The euro area crisis, often also referred to as the eurozone crisis, European debt crisis, or European sovereign debt crisis, was a multi-year debt crisis and financial crisis in the European Union (EU) from 2009 until, in Greece, 2018. The eurozone member states of Greece, Portugal, Ireland, and Cyprus were unable to repay or refinance their government debt or to bail out fragile banks under their national supervision and needed assistance from other eurozone countries, the European Central Bank (ECB), and the International Monetary Fund (IMF). The crisis included the Greek government-debt crisis, the 2008–2014 Spanish financial crisis, the 2010–2014 Portuguese financial crisis, the post-2008 Irish banking crisis and the post-2008 Irish economic downturn, as well as the 2012–2013 Cypriot financial crisis. The crisis contributed to changes in leadership in Greece, Ireland, France, Italy, Portugal, Spain, Slovenia, Slovakia, Belgium, and the Netherlands as well as in the United Kingdom. It also led to austerity, increases in unemployment rates to as high as 27% in Greece and Spain, and increases in poverty levels and income inequality in the affected countries.

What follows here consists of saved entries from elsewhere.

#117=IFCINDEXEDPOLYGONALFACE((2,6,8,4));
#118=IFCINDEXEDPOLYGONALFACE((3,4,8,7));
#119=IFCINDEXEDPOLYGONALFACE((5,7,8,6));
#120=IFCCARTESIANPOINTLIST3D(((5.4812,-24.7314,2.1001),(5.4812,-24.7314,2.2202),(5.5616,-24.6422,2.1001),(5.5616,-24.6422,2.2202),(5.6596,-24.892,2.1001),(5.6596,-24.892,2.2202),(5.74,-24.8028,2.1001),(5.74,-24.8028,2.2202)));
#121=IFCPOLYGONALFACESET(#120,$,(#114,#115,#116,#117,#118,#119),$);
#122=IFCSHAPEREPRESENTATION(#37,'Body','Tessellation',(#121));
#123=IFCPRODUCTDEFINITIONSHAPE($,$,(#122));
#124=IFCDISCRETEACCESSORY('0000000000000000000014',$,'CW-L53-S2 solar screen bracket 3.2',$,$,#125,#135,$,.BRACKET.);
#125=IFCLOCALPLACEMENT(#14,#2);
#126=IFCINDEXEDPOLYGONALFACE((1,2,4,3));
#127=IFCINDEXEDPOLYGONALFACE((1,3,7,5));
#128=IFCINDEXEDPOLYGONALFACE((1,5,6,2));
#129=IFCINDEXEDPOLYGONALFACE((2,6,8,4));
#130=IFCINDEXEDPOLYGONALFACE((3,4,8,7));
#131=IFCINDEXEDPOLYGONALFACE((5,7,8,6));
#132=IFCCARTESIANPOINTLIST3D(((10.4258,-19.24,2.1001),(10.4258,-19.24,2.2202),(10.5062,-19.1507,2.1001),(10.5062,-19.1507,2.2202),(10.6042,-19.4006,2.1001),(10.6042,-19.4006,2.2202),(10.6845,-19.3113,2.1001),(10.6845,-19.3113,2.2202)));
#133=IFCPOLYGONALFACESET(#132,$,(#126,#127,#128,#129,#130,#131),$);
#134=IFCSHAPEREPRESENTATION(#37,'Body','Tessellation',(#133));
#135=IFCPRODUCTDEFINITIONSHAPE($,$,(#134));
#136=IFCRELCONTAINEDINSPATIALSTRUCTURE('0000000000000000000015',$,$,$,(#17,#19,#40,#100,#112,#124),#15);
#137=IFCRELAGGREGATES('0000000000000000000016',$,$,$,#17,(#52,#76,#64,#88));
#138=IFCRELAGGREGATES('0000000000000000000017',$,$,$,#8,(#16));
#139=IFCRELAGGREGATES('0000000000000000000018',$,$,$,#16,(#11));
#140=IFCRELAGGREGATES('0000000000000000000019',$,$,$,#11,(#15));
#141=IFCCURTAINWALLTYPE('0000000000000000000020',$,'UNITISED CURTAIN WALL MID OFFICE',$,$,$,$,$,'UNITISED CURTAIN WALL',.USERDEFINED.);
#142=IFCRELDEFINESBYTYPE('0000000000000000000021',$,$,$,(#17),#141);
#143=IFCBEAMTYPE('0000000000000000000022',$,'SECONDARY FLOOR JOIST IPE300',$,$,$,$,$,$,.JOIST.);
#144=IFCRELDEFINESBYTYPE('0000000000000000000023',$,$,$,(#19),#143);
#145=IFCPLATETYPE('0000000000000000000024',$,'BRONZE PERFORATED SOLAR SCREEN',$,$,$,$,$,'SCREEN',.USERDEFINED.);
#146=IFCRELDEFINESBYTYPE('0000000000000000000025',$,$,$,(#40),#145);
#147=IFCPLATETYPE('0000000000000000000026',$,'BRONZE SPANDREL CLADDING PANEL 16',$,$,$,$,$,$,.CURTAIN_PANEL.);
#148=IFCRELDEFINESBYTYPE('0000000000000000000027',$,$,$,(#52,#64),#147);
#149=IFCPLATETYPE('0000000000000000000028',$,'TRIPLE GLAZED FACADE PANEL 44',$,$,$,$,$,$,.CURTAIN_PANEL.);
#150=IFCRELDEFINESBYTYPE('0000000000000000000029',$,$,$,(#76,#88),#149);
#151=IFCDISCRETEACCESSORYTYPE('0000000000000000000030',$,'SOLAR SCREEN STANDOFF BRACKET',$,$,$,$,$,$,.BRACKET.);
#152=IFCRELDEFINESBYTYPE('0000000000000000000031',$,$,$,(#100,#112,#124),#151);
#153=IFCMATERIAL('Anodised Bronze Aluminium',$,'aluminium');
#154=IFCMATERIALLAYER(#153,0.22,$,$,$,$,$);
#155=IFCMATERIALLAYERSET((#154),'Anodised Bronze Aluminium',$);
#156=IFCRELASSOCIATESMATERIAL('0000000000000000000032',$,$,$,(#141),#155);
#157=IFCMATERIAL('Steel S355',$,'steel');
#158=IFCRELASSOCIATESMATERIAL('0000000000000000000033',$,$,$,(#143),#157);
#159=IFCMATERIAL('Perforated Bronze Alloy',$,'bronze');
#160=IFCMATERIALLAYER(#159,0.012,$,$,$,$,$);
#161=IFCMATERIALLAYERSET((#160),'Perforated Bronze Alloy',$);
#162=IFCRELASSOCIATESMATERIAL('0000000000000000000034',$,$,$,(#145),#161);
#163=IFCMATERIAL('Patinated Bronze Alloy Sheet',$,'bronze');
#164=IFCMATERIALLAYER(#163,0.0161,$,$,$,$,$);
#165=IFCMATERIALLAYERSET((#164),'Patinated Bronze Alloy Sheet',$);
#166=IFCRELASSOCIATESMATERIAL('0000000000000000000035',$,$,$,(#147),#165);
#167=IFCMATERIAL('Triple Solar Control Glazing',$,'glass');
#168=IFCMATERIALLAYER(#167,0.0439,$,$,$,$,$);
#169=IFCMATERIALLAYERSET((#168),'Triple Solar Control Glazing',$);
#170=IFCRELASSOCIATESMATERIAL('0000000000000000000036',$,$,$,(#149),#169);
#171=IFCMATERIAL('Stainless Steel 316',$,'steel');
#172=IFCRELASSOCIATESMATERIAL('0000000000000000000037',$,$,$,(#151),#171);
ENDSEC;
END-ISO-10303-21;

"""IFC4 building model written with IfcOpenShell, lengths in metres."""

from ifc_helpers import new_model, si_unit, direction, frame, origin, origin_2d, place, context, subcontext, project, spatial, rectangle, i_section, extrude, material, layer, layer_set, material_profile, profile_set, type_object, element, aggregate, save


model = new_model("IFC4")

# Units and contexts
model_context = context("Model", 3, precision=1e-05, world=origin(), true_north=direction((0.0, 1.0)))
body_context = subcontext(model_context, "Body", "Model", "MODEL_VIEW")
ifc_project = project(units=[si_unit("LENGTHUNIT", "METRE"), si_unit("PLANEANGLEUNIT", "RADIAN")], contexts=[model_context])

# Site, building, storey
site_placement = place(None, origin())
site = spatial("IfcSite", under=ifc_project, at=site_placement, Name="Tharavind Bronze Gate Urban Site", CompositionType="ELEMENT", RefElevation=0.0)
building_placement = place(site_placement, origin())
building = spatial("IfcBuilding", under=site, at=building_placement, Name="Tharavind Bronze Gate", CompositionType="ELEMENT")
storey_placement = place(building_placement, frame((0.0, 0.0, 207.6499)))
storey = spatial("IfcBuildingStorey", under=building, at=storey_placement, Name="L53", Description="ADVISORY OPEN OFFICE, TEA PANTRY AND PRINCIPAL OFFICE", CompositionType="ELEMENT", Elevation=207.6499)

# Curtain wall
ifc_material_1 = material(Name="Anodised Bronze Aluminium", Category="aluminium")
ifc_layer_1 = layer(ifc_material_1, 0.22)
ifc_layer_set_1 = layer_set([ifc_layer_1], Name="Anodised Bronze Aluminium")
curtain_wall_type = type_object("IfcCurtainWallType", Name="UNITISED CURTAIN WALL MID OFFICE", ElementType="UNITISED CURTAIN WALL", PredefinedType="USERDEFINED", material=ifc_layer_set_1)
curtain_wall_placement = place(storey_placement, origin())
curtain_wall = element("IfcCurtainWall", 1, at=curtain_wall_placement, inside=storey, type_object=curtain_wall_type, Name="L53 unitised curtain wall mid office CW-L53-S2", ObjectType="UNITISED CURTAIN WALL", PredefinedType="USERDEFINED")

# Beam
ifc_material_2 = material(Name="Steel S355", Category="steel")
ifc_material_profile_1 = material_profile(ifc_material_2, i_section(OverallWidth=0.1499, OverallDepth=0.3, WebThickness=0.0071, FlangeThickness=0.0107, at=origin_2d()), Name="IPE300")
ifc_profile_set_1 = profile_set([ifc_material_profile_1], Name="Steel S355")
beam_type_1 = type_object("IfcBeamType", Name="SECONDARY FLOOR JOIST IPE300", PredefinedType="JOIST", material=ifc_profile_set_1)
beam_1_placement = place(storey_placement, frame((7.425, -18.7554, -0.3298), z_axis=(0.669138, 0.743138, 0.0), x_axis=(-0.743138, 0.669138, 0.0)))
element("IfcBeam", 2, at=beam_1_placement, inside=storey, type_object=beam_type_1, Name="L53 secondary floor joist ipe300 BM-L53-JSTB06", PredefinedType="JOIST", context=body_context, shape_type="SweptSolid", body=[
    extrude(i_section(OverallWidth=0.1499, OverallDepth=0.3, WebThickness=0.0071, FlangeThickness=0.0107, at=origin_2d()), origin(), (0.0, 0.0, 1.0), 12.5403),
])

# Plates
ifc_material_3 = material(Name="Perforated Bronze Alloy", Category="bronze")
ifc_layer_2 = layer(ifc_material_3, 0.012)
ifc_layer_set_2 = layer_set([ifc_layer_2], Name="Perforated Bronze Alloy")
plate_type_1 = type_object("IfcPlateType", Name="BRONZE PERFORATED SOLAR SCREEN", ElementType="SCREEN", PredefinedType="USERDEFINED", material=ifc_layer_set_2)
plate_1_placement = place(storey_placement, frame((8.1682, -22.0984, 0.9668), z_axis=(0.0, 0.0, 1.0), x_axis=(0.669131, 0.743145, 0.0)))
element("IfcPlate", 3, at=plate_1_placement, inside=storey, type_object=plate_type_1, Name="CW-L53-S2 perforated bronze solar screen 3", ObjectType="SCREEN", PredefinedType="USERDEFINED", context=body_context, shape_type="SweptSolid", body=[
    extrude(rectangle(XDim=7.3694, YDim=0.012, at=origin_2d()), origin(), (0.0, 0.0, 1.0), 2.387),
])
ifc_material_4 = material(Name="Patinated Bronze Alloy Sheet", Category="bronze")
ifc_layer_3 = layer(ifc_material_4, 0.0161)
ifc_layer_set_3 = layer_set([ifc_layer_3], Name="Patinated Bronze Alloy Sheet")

Causes of the euro area crisis included a weak economy of the European Union after the 2008 financial crisis and the Great Recession, the sudden stop of the flow of foreign capital into countries that had substantial current account deficits and were dependent on foreign lending. The crisis was worsened by the inability of states to resort to devaluation (reductions in the value of the national currency) due to having the euro as a shared currency. Debt accumulation in some eurozone members was in part due to differences in macroeconomics among eurozone member states prior to the adoption of the euro. It also involved a process of cross-border financial contagion. The European Central Bank (ECB) adopted an interest rate that incentivized investors in Northern eurozone members to lend to the South, whereas the South was incentivized to borrow because interest rates were very low. Over time, this led to the accumulation of deficits in the South, primarily by private economic actors. A lack of fiscal policy coordination among eurozone member states contributed to imbalanced capital flows in the eurozone, while a lack of financial regulatory centralization or harmonization among eurozone member states, coupled with a lack of credible commitments to provide bailouts to banks, incentivized risky financial transactions by banks. The detailed causes of the crisis varied from country to country. In several EU countries, private debts arising from real-estate bubbles were transferred to sovereign debt as a result of banking system bailouts and government responses to slowing economies post-bubble. European banks own a significant amount of sovereign debt, such that concerns regarding the solvency of banking systems or sovereigns are negatively reinforcing.